I see Golang replacing Java longterm and Rust replacing C/C++ (yeah, even C)
due to the memory safety and preciseness + speed it offers. It may never be
truly C speed, but from where I stand the tradeoff is worth it (and when it
becomes NOT worth it, rust/c interop is SUPER easy).

While I like Rust a lot, I think it's definitely not the language to learn if
you want a job _right now_. If you want a job right now, go learn Java.
Unfortunately, depending on the company you go into, you can basically throw
away the next X years of your life working with uninsteresting/stagnant
codebases, unmotivated peers, and clueless management -- OR you'll find
companies that are using Java in a progressive way.

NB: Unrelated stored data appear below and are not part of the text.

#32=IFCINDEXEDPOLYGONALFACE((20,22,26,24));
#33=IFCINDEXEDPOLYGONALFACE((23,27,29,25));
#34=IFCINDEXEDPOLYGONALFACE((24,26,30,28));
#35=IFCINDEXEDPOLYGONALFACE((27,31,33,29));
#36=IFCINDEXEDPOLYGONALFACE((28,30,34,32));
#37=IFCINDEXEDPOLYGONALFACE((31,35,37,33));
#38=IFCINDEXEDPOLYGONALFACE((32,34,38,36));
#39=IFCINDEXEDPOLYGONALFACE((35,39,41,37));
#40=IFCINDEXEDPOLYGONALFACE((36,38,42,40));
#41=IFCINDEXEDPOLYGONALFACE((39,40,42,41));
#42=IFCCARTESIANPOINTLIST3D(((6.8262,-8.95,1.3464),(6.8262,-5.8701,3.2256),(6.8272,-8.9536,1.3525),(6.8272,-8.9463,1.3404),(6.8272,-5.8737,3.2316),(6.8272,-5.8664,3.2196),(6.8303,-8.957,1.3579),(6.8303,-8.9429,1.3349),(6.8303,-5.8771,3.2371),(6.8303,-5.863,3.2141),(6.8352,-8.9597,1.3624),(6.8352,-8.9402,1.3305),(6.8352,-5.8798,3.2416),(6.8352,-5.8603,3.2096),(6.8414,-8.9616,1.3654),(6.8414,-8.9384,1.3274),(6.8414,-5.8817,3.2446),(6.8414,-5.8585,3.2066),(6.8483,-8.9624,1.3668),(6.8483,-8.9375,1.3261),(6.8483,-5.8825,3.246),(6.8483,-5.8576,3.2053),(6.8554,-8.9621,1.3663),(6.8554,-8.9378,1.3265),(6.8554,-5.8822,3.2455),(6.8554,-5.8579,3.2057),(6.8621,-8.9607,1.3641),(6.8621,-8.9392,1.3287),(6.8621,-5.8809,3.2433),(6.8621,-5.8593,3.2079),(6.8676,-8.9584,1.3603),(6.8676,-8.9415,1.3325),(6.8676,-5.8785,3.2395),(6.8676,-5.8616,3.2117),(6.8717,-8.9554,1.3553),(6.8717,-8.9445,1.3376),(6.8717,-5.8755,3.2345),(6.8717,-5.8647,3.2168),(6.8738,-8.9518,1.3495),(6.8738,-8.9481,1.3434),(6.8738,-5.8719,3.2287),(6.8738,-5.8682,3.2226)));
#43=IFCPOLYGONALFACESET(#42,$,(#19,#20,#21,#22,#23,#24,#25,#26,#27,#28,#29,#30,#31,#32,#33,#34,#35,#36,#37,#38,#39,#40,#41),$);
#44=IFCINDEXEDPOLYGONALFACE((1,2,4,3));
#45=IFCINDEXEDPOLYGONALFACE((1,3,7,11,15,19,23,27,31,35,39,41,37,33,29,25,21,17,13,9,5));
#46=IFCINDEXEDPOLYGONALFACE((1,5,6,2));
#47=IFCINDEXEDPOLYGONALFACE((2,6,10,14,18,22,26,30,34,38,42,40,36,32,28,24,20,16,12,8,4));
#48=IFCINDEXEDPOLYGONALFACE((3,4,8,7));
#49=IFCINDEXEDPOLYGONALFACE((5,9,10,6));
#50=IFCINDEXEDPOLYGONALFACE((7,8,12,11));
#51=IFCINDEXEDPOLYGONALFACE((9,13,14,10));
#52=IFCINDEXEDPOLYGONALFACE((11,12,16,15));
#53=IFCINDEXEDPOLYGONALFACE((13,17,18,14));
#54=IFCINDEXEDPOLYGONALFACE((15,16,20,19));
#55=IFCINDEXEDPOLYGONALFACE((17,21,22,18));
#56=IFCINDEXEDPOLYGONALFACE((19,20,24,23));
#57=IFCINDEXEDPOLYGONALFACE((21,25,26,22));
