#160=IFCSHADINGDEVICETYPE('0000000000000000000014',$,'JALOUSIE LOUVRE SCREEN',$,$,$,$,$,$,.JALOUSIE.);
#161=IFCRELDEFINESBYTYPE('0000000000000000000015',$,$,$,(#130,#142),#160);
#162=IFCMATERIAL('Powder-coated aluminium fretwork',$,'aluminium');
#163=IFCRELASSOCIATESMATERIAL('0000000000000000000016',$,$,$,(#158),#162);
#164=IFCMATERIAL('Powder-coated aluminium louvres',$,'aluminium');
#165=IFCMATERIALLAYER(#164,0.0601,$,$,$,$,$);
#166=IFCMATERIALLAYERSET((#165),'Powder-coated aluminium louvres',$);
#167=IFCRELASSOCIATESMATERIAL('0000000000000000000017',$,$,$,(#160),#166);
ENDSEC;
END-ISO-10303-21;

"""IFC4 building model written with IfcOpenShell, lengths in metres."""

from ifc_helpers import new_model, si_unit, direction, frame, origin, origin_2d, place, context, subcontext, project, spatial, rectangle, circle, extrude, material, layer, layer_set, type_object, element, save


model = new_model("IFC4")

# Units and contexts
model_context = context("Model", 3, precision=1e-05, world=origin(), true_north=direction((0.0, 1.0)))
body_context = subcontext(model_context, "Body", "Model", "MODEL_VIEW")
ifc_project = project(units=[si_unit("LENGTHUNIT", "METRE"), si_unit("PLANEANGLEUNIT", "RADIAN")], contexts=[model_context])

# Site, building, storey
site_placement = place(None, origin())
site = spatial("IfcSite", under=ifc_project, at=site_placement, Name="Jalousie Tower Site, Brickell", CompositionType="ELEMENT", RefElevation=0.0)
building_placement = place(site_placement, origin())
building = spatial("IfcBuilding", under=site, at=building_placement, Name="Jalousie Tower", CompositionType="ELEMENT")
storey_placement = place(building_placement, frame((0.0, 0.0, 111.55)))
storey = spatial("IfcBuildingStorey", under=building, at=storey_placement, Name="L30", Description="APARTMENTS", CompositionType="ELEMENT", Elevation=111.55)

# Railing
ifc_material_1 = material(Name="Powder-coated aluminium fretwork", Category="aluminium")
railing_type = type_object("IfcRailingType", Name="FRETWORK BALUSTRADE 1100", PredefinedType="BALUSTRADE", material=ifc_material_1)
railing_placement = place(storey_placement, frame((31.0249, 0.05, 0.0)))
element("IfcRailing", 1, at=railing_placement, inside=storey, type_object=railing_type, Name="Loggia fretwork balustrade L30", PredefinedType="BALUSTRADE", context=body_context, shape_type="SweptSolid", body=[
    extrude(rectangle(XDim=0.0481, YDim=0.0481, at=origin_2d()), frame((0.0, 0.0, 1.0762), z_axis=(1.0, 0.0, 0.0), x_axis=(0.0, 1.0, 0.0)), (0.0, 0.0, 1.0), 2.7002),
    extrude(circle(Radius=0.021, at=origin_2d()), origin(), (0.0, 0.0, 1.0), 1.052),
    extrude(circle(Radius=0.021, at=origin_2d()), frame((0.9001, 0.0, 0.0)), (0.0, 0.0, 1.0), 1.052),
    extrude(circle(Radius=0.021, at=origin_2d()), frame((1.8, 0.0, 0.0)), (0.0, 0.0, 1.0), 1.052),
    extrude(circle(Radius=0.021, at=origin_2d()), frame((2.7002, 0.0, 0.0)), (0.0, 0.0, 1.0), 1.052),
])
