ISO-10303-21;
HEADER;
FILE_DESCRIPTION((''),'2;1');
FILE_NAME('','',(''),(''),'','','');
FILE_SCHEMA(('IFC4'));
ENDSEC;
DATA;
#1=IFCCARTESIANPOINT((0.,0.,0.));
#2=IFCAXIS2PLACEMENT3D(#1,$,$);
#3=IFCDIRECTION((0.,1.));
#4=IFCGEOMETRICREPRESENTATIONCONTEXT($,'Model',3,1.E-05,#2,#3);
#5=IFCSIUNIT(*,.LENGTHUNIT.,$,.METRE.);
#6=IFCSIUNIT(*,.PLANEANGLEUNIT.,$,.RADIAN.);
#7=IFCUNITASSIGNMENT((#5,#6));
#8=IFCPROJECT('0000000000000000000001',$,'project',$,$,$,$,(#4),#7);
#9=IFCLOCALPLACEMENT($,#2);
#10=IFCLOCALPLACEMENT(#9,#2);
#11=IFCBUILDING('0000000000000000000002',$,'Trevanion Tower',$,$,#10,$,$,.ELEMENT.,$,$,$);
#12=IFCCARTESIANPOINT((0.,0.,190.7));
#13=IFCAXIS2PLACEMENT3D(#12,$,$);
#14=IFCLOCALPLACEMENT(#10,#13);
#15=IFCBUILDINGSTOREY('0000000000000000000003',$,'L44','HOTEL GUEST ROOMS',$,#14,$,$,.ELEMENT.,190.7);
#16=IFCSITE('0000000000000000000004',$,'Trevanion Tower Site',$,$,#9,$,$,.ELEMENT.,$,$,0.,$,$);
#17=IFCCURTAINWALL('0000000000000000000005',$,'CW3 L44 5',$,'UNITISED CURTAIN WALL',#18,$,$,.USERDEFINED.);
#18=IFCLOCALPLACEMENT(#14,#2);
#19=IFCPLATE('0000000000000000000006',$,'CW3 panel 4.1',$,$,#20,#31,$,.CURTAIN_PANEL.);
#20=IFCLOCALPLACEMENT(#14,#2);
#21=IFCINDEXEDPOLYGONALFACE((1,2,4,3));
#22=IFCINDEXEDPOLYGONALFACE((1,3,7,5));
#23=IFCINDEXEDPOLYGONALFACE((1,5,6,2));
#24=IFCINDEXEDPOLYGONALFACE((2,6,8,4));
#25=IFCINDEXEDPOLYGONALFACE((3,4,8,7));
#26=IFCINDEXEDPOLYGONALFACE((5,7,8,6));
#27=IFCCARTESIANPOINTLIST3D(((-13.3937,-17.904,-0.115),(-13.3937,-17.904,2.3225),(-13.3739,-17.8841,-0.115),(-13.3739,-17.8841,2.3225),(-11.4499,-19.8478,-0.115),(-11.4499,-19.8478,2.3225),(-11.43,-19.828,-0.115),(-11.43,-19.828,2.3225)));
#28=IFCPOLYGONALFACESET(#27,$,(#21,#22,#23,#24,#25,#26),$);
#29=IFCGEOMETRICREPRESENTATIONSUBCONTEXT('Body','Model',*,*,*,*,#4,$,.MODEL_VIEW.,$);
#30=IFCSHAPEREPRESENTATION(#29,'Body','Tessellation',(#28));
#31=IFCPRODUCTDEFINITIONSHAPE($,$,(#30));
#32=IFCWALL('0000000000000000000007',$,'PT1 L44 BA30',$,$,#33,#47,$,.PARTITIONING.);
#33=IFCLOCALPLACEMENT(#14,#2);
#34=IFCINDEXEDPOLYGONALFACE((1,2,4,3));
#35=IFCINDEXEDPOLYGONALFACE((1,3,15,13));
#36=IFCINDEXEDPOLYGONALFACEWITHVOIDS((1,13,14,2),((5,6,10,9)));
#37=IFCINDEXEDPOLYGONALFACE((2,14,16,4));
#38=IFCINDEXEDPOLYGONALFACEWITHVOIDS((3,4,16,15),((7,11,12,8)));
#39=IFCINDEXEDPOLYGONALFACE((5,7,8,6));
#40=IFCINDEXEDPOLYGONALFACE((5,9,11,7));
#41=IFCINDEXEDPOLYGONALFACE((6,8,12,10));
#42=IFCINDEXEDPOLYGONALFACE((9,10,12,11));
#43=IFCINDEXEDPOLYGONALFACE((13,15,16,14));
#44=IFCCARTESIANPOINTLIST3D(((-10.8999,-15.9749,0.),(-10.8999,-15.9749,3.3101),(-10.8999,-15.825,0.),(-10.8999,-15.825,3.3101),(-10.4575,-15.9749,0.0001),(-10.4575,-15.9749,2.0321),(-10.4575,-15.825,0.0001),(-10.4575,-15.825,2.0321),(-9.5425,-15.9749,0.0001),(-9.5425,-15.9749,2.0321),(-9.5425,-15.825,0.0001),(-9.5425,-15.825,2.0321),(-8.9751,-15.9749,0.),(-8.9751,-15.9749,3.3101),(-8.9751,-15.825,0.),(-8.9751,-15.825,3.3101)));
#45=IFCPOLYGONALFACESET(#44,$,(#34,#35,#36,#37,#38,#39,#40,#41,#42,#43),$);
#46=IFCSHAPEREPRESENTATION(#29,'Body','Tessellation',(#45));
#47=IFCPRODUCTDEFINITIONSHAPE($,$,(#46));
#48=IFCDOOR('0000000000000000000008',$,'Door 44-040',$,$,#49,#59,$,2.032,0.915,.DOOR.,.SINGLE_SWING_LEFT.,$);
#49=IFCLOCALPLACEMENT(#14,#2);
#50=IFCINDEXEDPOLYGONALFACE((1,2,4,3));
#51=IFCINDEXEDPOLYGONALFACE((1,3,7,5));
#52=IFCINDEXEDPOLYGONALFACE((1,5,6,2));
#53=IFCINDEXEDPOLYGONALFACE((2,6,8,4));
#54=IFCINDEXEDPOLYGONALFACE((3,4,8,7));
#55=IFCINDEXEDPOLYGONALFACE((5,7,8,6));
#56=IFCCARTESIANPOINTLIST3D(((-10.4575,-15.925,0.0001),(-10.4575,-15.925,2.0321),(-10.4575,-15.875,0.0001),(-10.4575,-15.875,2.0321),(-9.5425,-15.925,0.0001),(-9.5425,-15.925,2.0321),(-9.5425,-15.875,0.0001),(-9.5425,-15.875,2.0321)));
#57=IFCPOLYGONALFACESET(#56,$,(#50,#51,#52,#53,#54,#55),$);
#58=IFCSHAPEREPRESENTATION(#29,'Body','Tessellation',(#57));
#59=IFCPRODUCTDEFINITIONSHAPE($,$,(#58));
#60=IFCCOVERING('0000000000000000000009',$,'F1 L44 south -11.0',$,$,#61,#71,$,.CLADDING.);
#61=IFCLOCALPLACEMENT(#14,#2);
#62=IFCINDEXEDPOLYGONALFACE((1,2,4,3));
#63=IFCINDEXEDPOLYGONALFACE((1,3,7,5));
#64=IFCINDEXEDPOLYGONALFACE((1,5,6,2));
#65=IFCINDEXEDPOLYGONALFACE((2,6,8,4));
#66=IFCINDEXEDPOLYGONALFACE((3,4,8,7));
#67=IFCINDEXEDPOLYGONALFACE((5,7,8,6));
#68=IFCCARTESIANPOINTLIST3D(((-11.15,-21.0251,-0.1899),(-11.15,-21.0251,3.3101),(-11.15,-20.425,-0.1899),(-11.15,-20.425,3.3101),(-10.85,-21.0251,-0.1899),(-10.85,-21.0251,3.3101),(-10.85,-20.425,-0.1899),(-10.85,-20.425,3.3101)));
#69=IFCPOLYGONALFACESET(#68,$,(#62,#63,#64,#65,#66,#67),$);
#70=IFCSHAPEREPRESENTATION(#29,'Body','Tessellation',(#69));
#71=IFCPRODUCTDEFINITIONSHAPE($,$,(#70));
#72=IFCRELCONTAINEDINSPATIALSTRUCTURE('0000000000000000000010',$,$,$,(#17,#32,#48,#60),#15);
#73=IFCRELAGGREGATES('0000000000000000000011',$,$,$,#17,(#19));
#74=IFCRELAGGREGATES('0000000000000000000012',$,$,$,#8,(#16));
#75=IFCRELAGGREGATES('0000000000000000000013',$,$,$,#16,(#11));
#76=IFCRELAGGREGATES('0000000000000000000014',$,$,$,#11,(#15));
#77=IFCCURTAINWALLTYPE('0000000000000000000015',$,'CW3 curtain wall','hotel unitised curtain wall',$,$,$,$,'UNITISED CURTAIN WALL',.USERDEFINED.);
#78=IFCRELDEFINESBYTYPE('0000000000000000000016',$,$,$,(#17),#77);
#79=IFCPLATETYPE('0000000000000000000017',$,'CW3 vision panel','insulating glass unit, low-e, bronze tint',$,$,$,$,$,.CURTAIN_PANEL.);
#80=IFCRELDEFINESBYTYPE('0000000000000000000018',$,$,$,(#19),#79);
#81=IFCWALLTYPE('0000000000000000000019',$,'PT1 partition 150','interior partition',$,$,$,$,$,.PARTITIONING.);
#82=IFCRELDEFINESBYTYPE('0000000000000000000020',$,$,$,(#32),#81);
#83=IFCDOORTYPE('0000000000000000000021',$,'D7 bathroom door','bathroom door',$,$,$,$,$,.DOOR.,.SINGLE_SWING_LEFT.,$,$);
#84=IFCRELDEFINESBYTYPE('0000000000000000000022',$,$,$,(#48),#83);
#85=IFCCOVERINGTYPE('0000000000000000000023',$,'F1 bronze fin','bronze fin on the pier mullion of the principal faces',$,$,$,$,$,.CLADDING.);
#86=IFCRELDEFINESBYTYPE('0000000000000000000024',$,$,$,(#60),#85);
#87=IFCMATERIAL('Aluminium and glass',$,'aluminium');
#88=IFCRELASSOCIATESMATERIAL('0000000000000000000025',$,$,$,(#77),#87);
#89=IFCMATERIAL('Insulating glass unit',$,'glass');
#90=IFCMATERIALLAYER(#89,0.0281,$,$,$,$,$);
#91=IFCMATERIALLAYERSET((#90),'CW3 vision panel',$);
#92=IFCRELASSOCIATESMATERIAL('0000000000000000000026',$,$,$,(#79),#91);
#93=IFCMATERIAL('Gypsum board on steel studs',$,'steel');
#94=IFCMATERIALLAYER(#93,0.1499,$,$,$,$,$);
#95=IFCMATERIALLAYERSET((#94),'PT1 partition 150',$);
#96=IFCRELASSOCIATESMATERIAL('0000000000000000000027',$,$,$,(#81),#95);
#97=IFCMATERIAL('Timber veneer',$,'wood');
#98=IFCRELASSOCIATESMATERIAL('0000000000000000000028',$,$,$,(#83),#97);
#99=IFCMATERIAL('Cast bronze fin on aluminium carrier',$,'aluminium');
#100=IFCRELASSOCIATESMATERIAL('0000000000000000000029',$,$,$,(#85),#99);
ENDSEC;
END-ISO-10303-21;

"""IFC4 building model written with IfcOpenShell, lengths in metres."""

from ifc_helpers import new_model, si_unit, direction, frame, frame_2d, origin, origin_2d, place, context, subcontext, project, spatial, rectangle, extrude, material, layer, layer_set, type_object, element, fill, aggregate, save


model = new_model("IFC4")

# Units and contexts
model_context = context("Model", 3, precision=1e-05, world=origin(), true_north=direction((0.0, 1.0)))
body_context = subcontext(model_context, "Body", "Model", "MODEL_VIEW")
ifc_project = project(units=[si_unit("LENGTHUNIT", "METRE"), si_unit("PLANEANGLEUNIT", "RADIAN")], contexts=[model_context])

# Site, building, storey
site_placement = place(None, origin())
site = spatial("IfcSite", under=ifc_project, at=site_placement, Name="Trevanion Tower Site", CompositionType="ELEMENT", RefElevation=0.0)
building_placement = place(site_placement, origin())
building = spatial("IfcBuilding", under=site, at=building_placement, Name="Trevanion Tower", CompositionType="ELEMENT")
storey_placement = place(building_placement, frame((0.0, 0.0, 190.7)))
storey = spatial("IfcBuildingStorey", under=building, at=storey_placement, Name="L44", Description="HOTEL GUEST ROOMS", CompositionType="ELEMENT", Elevation=190.7)

# Curtain wall
ifc_material_1 = material(Name="Aluminium and glass", Category="aluminium")
curtain_wall_type = type_object("IfcCurtainWallType", Name="CW3 curtain wall", Description="hotel unitised curtain wall", ElementType="UNITISED CURTAIN WALL", PredefinedType="USERDEFINED", material=ifc_material_1)
curtain_wall_1_placement = place(storey_placement, origin())
curtain_wall_1 = element("IfcCurtainWall", 1, at=curtain_wall_1_placement, inside=storey, type_object=curtain_wall_type, Name="CW3 L44 5", ObjectType="UNITISED CURTAIN WALL", PredefinedType="USERDEFINED")

# Plate
ifc_material_2 = material(Name="Insulating glass unit", Category="glass")
ifc_layer_1 = layer(ifc_material_2, 0.0281)
ifc_layer_set_1 = layer_set([ifc_layer_1], Name="CW3 vision panel")
plate_type_1 = type_object("IfcPlateType", Name="CW3 vision panel", Description="insulating glass unit, low-e, bronze tint", PredefinedType="CURTAIN_PANEL", material=ifc_layer_set_1)
plate_1_placement = place(storey_placement, frame((-12.4119, -18.866, -0.115), z_axis=(0.0, 0.0, 1.0), x_axis=(0.707107, -0.707107, 0.0)))
plate_1 = element("IfcPlate", 2, at=plate_1_placement, type_object=plate_type_1, Name="CW3 panel 4.1", PredefinedType="CURTAIN_PANEL", context=body_context, shape_type="SweptSolid", body=[
    extrude(rectangle(XDim=2.749, YDim=0.0281, at=origin_2d()), origin(), (0.0, 0.0, 1.0), 2.4375),
])
aggregate(curtain_wall_1, [plate_1])

# Wall, opening, door
ifc_material_3 = material(Name="Gypsum board on steel studs", Category="steel")
ifc_layer_2 = layer(ifc_material_3, 0.1499)
ifc_layer_set_2 = layer_set([ifc_layer_2], Name="PT1 partition 150")
wall_type = type_object("IfcWallType", Name="PT1 partition 150", Description="interior partition", PredefinedType="PARTITIONING", material=ifc_layer_set_2)
wall_placement = place(storey_placement, frame((-10.8999, -15.8999, 0.0), z_axis=(0.0, 0.0, 1.0), x_axis=(1.0, 0.0, 0.0)))
wall = element("IfcWall", 3, at=wall_placement, inside=storey, type_object=wall_type, Name="PT1 L44 BA30", PredefinedType="PARTITIONING", context=body_context, shape_type="SweptSolid", body=[
    extrude(rectangle(XDim=1.9248, YDim=0.1499, at=frame_2d((0.9624, 0.0))), origin(), (0.0, 0.0, 1.0), 3.3101),
])
opening_placement = place(wall_placement, frame((0.4424, 0.0, 0.0)))
opening = element("IfcOpeningElement", 4, at=opening_placement, cuts=wall, PredefinedType="OPENING", context=body_context, shape_type="SweptSolid", body=[
    extrude(rectangle(XDim=0.915, YDim=2.032, at=frame_2d((0.4575, 1.0161))), frame((0.0, 0.085, 0.0), z_axis=(0.0, -1.0, 0.0), x_axis=(1.0, 0.0, 0.0)), (0.0, 0.0, 1.0), 0.1699),
])
ifc_material_4 = material(Name="Timber veneer", Category="wood")
door_type = type_object("IfcDoorType", Name="D7 bathroom door", Description="bathroom door", OperationType="SINGLE_SWING_LEFT", PredefinedType="DOOR", material=ifc_material_4)
door_placement = place(opening_placement, origin())
door = element("IfcDoor", 5, at=door_placement, inside=storey, type_object=door_type, Name="Door 44-040", OperationType="SINGLE_SWING_LEFT", OverallHeight=2.032, OverallWidth=0.915, PredefinedType="DOOR", context=body_context, shape_type="SweptSolid", body=[
    extrude(rectangle(XDim=0.915, YDim=2.032, at=frame_2d((0.4575, 1.0161))), frame((0.0, 0.0249, 0.0), z_axis=(0.0, -1.0, 0.0), x_axis=(1.0, 0.0, 0.0)), (0.0, 0.0, 1.0), 0.05),
])
fill(opening, door)

# Covering
ifc_material_5 = material(Name="Cast bronze fin on aluminium carrier", Category="aluminium")
covering_type = type_object("IfcCoveringType", Name="F1 bronze fin", Description="bronze fin on the pier mullion of the principal faces", PredefinedType="CLADDING", material=ifc_material_5)
covering_placement = place(storey_placement, frame((-11.0, -20.7251, -0.1899), z_axis=(0.0, 0.0, 1.0), x_axis=(1.0, 0.0, 0.0)))
element("IfcCovering", 6, at=covering_placement, inside=storey, type_object=covering_type, Name="F1 L44 south -11.0", PredefinedType="CLADDING", context=body_context, shape_type="SweptSolid", body=[
    extrude(rectangle(XDim=0.3, YDim=0.6001, at=origin_2d()), origin(), (0.0, 0.0, 1.0), 3.5),
])

save(model, "model.ifc")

If you want to invest in a language that will likely become a big player in
the next 10 years, and is soundly written, maintained and progressed in the
open, then commit to rust.

Also a sidenote, most good managers/engineers realize that syntax doesn't
actually really matter. Good engineers get up to speed in languages they've
never used in days/weeks -- if you know the paradigms, and how to design good
programs, it's a matter of just changing what you type.

Knowing X language isn't what makes a good developer, it's knowing some
sufficiently multi-paradigm langauge X well enough that you've moved past the
basics and started re-discovering paradigms, design patterns, and answers to
problems in a few problem domains.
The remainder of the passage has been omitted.